Just as the year before saw a bumper crop of heifers, 2010 was our year for bulls.  The result, of course, is few heifers for you to choose from.  But here are two of our top prospects from this class.  W64 was sired by Thistle Hill Magic, probably the thickest bull we’ve ever raised here.  He’s now on the job down in Kentucky.  W1W again is a calf sired by Watson.
This section would not be complete without mentioning that while heifers are scarce here on the farm as this is written, in few months their numbers will explode with the arrival of our embryo calves from a farm in the Shenandoah Valley where they’ve been with their recip mothers. There’ll be heifers from our “Wow Cow” by 688….and not incidentally a few line-bred 688 daughters.  You’ll want to watch for them.

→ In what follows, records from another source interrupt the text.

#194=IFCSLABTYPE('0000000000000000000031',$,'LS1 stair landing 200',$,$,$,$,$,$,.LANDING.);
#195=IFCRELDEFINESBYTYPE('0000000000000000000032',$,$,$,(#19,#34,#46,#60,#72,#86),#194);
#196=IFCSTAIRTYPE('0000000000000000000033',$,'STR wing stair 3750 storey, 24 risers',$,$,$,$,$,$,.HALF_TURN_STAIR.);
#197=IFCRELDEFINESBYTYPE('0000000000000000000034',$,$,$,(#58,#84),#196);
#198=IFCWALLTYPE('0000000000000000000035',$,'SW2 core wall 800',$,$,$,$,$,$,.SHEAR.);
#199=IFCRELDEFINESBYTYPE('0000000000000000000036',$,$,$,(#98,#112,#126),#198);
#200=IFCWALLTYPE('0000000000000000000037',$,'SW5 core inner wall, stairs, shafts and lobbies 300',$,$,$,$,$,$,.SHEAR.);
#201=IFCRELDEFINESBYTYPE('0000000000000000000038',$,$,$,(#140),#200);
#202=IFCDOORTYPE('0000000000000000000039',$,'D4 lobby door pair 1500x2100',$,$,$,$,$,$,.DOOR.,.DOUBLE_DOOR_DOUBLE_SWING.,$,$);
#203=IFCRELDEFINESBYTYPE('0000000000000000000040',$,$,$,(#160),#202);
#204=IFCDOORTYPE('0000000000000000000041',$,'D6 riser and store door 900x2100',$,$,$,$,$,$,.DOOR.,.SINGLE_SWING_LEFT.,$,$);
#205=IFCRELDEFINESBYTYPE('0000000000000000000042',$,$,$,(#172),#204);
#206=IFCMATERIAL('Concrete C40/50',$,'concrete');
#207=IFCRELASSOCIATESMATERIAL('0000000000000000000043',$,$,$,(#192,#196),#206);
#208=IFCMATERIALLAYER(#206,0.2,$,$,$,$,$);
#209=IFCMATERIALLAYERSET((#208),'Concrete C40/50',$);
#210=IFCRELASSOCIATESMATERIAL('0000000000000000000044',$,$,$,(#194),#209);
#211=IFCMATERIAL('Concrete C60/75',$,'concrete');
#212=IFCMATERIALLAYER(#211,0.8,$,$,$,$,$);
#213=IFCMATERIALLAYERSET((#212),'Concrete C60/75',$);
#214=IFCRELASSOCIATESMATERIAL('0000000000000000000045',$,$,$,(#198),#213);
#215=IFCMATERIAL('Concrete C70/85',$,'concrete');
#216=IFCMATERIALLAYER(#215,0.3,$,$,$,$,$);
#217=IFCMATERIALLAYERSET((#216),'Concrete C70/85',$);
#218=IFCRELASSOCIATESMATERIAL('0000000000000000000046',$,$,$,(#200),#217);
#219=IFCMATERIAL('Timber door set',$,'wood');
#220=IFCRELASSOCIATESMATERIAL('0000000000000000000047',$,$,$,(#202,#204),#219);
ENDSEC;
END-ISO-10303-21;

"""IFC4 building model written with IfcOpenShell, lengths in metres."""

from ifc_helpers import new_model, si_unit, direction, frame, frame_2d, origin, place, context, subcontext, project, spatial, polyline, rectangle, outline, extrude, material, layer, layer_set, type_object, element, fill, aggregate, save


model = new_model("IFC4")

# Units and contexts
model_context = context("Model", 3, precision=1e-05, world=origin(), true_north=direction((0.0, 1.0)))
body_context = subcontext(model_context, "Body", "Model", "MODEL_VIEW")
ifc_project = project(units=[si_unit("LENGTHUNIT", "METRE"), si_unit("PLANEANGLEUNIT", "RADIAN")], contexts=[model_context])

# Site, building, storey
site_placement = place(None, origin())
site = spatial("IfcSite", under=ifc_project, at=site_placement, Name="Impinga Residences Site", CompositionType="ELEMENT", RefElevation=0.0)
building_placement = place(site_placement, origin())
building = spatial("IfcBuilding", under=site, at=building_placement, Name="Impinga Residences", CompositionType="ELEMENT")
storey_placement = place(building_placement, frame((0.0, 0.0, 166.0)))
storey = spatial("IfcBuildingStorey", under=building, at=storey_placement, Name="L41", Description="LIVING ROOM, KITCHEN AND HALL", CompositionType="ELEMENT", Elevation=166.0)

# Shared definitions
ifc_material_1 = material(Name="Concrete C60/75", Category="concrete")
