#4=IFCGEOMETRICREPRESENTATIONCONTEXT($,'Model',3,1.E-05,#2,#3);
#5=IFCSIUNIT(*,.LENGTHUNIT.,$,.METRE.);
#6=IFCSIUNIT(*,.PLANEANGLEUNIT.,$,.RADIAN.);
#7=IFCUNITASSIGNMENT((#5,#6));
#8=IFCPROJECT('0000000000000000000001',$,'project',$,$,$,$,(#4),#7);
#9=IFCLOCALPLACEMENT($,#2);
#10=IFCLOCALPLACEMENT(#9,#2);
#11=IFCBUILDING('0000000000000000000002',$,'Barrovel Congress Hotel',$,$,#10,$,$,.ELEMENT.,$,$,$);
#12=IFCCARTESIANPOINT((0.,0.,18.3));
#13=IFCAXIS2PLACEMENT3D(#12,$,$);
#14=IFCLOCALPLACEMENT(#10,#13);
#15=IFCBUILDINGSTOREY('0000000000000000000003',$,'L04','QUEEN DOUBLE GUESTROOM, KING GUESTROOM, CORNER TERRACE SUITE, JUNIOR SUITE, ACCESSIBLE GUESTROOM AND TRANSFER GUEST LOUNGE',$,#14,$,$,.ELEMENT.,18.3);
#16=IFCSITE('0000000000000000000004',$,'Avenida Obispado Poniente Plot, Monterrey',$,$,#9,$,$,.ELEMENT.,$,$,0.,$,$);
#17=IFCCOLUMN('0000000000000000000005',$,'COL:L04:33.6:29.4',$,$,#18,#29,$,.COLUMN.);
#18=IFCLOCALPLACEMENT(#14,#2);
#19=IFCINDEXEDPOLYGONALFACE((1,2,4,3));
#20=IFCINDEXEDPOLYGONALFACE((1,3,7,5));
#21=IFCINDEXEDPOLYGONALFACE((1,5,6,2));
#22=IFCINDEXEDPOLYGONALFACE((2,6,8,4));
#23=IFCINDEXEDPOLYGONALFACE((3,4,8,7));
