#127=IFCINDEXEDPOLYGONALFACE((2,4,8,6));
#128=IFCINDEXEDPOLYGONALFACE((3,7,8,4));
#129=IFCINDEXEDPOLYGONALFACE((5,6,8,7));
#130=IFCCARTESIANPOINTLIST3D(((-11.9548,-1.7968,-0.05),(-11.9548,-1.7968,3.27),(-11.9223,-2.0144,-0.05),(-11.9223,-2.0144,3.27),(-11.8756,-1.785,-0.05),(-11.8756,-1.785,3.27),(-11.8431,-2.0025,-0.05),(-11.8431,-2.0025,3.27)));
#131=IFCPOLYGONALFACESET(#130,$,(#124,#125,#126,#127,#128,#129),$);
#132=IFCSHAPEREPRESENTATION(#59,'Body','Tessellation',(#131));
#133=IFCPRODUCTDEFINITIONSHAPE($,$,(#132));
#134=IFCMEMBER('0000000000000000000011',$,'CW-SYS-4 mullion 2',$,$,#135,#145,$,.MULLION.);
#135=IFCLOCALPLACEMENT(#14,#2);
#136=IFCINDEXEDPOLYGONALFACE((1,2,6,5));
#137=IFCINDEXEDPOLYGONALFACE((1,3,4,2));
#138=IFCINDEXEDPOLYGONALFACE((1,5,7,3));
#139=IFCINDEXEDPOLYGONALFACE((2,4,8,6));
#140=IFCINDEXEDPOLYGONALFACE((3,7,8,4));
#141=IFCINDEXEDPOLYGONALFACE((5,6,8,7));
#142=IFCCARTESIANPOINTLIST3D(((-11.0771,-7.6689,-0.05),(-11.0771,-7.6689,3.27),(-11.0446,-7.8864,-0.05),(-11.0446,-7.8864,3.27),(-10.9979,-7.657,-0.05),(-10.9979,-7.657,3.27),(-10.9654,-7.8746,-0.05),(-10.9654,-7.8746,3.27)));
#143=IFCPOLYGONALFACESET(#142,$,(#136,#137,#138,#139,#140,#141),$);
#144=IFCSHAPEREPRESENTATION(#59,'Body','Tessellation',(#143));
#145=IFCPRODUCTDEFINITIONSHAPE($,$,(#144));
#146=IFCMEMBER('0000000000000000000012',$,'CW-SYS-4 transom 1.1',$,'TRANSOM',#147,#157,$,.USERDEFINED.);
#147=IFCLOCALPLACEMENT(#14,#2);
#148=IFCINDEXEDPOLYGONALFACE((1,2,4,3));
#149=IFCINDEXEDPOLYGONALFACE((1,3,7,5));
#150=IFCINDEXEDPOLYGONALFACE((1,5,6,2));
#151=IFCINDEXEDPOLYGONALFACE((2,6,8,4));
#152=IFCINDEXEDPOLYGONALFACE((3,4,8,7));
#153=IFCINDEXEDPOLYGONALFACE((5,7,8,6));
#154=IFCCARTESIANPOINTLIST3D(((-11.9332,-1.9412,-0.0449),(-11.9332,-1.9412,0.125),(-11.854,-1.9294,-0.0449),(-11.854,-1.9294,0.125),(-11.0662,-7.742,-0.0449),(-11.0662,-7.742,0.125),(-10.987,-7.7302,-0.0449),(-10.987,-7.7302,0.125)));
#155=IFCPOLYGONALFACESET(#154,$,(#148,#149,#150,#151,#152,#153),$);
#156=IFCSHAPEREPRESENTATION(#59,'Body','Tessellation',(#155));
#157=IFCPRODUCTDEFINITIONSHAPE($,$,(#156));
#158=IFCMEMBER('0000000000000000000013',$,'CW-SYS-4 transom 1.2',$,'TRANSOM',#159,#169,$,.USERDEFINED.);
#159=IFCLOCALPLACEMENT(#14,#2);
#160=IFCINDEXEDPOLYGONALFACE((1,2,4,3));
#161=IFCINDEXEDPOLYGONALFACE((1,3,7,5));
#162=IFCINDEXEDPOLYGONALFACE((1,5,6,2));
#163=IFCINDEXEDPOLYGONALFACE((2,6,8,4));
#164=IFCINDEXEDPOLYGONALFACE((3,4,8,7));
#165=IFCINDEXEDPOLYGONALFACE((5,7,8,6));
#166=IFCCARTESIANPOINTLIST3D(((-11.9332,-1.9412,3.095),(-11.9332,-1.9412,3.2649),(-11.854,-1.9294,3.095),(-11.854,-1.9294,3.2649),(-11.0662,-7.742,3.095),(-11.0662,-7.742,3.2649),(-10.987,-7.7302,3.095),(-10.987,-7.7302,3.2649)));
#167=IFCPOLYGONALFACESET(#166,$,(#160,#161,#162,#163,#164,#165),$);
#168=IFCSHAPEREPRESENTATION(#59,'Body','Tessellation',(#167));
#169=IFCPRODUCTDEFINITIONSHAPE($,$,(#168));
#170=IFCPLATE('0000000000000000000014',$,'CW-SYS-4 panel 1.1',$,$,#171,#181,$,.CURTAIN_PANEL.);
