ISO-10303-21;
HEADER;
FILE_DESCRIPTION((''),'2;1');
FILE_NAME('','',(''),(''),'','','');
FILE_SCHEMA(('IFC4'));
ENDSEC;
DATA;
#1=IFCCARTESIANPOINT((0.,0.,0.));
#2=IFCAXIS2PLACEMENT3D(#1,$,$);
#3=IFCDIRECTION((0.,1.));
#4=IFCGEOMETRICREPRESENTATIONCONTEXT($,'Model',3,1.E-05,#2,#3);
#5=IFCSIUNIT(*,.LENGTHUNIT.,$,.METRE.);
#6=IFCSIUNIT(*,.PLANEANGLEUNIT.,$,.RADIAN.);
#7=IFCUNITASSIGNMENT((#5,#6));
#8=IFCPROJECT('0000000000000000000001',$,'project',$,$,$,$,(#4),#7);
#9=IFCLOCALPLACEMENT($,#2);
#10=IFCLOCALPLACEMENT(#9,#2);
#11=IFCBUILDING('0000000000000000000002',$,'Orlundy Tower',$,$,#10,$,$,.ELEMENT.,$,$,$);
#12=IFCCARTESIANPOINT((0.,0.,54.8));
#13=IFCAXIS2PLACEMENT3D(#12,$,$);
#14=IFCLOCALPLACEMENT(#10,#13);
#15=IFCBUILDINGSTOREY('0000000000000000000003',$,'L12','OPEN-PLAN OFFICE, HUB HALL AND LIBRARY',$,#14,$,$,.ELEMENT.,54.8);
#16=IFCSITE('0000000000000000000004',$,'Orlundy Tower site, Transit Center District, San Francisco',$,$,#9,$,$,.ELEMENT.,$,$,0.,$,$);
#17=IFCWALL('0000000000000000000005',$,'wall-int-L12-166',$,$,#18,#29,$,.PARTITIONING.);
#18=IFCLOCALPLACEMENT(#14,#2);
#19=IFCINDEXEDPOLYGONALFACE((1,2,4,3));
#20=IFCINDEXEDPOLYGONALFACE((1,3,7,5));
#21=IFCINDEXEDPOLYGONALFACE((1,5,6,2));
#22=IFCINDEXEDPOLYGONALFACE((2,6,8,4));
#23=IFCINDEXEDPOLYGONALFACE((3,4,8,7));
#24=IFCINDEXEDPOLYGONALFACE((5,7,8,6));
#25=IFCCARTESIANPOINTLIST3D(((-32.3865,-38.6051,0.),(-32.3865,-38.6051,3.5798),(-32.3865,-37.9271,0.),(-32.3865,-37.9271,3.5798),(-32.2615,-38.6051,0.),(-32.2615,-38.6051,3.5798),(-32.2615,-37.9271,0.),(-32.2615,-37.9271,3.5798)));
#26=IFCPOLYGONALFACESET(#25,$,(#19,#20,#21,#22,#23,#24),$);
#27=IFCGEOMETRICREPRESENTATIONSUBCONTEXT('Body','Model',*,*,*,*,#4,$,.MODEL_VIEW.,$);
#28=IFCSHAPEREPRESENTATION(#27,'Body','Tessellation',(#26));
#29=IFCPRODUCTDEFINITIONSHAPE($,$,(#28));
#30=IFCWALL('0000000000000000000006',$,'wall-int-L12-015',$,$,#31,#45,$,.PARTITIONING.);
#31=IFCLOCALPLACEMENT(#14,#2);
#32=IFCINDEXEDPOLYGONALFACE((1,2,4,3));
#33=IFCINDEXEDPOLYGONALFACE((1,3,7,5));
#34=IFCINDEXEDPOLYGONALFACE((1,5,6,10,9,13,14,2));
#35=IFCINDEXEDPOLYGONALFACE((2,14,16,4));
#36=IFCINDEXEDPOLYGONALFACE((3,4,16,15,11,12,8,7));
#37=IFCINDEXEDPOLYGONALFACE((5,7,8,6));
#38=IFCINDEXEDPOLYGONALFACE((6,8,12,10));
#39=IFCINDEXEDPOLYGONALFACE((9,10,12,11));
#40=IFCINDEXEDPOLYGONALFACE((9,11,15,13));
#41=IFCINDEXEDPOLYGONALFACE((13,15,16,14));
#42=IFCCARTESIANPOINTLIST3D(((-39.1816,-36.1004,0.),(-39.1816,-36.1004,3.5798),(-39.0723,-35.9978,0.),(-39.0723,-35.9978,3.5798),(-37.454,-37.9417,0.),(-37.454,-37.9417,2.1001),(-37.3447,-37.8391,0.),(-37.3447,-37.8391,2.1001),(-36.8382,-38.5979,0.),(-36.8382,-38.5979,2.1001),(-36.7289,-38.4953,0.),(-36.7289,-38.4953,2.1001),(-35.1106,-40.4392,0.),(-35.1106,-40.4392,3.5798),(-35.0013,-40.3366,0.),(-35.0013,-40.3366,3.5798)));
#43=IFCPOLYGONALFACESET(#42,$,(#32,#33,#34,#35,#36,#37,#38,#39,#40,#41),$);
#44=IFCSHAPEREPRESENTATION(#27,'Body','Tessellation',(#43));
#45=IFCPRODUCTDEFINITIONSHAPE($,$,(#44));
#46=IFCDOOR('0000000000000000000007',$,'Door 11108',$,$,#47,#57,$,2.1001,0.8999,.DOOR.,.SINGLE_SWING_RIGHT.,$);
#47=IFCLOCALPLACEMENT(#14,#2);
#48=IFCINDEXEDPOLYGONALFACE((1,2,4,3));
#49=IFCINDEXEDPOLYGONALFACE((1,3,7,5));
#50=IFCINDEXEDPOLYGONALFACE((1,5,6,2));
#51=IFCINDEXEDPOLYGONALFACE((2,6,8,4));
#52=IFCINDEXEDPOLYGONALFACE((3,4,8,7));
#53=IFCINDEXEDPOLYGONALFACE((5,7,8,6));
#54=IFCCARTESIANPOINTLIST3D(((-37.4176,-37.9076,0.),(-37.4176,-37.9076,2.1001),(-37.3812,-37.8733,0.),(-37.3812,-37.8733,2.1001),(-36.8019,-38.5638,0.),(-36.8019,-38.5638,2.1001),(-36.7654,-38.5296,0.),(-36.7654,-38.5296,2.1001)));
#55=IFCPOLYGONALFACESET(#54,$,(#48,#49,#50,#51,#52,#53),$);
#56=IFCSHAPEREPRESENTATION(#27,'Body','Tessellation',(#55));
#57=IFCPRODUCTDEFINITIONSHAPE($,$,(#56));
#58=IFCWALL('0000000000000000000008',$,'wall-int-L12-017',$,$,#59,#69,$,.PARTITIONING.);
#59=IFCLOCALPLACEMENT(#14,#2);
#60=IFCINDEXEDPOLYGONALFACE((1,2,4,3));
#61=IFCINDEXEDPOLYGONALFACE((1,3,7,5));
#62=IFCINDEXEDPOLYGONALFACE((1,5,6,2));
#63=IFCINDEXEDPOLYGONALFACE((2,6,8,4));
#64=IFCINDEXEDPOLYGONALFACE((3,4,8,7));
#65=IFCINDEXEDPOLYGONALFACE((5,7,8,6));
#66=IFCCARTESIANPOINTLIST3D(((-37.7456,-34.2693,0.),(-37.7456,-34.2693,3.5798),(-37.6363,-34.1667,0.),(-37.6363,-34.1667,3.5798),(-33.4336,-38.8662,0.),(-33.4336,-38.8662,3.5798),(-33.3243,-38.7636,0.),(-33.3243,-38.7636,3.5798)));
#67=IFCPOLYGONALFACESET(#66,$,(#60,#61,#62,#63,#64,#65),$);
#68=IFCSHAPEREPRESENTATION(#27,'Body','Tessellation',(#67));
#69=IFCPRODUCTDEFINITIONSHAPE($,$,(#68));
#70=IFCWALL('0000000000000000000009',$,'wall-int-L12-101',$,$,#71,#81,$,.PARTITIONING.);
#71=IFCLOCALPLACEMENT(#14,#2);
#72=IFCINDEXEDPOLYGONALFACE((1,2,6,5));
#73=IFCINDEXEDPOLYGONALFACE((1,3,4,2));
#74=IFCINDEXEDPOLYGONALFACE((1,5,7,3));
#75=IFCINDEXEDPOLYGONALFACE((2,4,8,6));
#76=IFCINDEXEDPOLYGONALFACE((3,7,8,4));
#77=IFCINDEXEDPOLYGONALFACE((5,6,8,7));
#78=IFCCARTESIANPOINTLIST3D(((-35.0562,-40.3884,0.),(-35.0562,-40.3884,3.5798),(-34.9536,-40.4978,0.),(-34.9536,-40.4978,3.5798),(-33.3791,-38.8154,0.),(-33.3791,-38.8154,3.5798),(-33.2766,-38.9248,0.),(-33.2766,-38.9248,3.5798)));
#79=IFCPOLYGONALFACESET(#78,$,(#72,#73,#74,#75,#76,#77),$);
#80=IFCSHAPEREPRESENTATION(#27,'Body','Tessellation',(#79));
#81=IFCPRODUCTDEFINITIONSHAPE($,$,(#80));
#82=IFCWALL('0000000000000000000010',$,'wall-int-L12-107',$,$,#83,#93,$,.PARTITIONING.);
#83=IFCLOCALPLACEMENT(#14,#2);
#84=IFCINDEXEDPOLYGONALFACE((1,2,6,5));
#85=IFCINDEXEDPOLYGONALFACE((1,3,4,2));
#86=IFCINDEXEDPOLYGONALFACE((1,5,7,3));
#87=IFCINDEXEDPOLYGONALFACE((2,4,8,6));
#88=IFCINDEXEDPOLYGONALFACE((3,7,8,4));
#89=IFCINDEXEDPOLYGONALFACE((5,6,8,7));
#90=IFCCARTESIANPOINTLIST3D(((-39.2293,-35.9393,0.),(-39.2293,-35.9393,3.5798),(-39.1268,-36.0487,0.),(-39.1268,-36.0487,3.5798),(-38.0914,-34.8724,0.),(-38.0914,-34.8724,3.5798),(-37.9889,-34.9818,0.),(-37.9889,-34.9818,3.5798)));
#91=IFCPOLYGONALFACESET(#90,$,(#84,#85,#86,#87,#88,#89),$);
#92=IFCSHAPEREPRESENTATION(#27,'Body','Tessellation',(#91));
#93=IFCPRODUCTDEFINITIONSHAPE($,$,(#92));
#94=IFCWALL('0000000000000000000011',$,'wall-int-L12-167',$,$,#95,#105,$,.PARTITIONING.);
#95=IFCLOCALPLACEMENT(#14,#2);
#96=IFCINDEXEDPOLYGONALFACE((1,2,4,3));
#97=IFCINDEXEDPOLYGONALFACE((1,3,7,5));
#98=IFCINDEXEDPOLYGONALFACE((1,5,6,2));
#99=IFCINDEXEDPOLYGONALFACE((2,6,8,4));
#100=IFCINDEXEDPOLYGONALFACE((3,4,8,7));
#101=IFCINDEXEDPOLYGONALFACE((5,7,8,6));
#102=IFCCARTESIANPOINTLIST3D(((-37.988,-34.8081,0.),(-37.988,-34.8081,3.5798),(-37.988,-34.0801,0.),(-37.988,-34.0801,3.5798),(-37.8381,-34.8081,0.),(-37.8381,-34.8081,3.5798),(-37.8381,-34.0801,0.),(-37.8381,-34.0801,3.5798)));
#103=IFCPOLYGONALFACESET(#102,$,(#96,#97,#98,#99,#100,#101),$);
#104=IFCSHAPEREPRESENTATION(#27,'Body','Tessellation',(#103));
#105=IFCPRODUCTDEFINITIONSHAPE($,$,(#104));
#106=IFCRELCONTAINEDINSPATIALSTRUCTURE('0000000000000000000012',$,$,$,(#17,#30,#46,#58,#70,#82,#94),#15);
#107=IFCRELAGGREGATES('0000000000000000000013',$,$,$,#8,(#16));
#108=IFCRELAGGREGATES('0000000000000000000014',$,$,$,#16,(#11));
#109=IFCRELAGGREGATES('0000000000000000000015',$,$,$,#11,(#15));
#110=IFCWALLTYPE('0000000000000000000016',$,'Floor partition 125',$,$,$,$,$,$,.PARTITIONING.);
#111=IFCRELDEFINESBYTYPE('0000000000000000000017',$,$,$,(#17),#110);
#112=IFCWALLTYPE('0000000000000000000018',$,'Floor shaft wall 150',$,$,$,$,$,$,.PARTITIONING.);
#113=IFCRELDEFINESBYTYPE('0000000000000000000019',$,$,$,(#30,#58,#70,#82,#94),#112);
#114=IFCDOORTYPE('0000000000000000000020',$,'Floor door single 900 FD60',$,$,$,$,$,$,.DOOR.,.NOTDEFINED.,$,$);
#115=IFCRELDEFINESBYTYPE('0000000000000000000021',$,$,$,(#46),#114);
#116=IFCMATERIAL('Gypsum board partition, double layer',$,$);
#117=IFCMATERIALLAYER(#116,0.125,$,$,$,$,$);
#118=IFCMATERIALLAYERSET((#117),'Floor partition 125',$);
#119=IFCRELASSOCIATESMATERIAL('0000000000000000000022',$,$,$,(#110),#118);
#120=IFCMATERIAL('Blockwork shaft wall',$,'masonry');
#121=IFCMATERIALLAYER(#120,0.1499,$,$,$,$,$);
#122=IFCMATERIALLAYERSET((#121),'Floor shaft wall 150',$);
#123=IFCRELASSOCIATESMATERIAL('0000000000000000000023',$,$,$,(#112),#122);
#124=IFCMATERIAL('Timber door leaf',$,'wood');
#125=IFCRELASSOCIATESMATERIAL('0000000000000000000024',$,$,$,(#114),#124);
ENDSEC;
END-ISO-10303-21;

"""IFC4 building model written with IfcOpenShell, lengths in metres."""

from ifc_helpers import new_model, si_unit, direction, frame, frame_2d, origin, place, context, subcontext, project, spatial, rectangle, extrude, material, layer, layer_set, type_object, element, fill, save


model = new_model("IFC4")

# Units and contexts
model_context = context("Model", 3, precision=1e-05, world=origin(), true_north=direction((0.0, 1.0)))
body_context = subcontext(model_context, "Body", "Model", "MODEL_VIEW")
ifc_project = project(units=[si_unit("LENGTHUNIT", "METRE"), si_unit("PLANEANGLEUNIT", "RADIAN")], contexts=[model_context])

# Site, building, storey
site_placement = place(None, origin())
site = spatial("IfcSite", under=ifc_project, at=site_placement, Name="Orlundy Tower site, Transit Center District, San Francisco", CompositionType="ELEMENT", RefElevation=0.0)
building_placement = place(site_placement, origin())
building = spatial("IfcBuilding", under=site, at=building_placement, Name="Orlundy Tower", CompositionType="ELEMENT")
storey_placement = place(building_placement, frame((0.0, 0.0, 54.8)))
storey = spatial("IfcBuildingStorey", under=building, at=storey_placement, Name="L12", Description="OPEN-PLAN OFFICE, HUB HALL AND LIBRARY", CompositionType="ELEMENT", Elevation=54.8)

# Shared definitions
ifc_material_1 = material(Name="Gypsum board partition, double layer")
ifc_layer_1 = layer(ifc_material_1, 0.125)
ifc_layer_set_1 = layer_set([ifc_layer_1], Name="Floor partition 125")
wall_type_1 = type_object("IfcWallType", Name="Floor partition 125", PredefinedType="PARTITIONING", material=ifc_layer_set_1)

# Wall
wall_1_placement = place(storey_placement, frame((-32.324, -38.605, 0.0), z_axis=(0.0, 0.0, 1.0), x_axis=(0.0, 1.0, 0.0)))
element("IfcWall", 1, at=wall_1_placement, inside=storey, type_object=wall_type_1, Name="wall-int-L12-166", PredefinedType="PARTITIONING", context=body_context, shape_type="SweptSolid", body=[
    extrude(rectangle(XDim=0.678, YDim=0.125, at=frame_2d((0.3389, 0.0))), origin(), (0.0, 0.0, 1.0), 3.5798),
])

# Wall, opening, door
ifc_material_2 = material(Name="Blockwork shaft wall", Category="masonry")
ifc_layer_2 = layer(ifc_material_2, 0.1499)
ifc_layer_set_2 = layer_set([ifc_layer_2], Name="Floor shaft wall 150")
wall_type_2 = type_object("IfcWallType", Name="Floor shaft wall 150", PredefinedType="PARTITIONING", material=ifc_layer_set_2)
wall_2_placement = place(storey_placement, frame((-39.127, -36.0491, 0.0), z_axis=(0.0, 0.0, 1.0), x_axis=(0.684241, -0.729256, 0.0)))
wall_2 = element("IfcWall", 2, at=wall_2_placement, inside=storey, type_object=wall_type_2, Name="wall-int-L12-015", PredefinedType="PARTITIONING", context=body_context, shape_type="SweptSolid", body=[
    extrude(rectangle(XDim=5.9497, YDim=0.1499, at=frame_2d((2.9749, 0.0))), origin(), (0.0, 0.0, 1.0), 3.5798),
])
opening_1_placement = place(wall_2_placement, frame((2.5249, 0.0, 0.0)))
opening_1 = element("IfcOpeningElement", 3, at=opening_1_placement, cuts=wall_2, PredefinedType="OPENING", context=body_context, shape_type="SweptSolid", body=[
    extrude(rectangle(XDim=0.8999, YDim=2.1001, at=frame_2d((0.45, 1.05))), frame((0.0, 0.085, 0.0), z_axis=(0.0, -1.0, 0.0), x_axis=(1.0, 0.0, 0.0)), (0.0, 0.0, 1.0), 0.1699),
])
ifc_material_3 = material(Name="Timber door leaf", Category="wood")
door_type_1 = type_object("IfcDoorType", Name="Floor door single 900 FD60", OperationType="NOTDEFINED", PredefinedType="DOOR", material=ifc_material_3)
door_1_placement = place(opening_1_placement, origin())
door_1 = element("IfcDoor", 4, at=door_1_placement, inside=storey, type_object=door_type_1, Name="Door 11108", OperationType="SINGLE_SWING_RIGHT", OverallHeight=2.1001, OverallWidth=0.8999, PredefinedType="DOOR", context=body_context, shape_type="SweptSolid", body=[
    extrude(rectangle(XDim=0.8999, YDim=2.1001, at=frame_2d((0.45, 1.05))), frame((0.0, 0.0249, 0.0), z_axis=(0.0, -1.0, 0.0), x_axis=(1.0, 0.0, 0.0)), (0.0, 0.0, 1.0), 0.05),
])
fill(opening_1, door_1)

A note of thanks:  we want to add here that obviously we owe a great deal to the famed Rotokawa herd.  We did not set out to be so “heavy” with Rotokawa genetics, but again and again, when it comes time to choose we wind up selecting Rotokawa.  So thanks to our good friends frequent consultants Ken McDowall of New Zealand and Ridge Shinn of Rotokawa/America.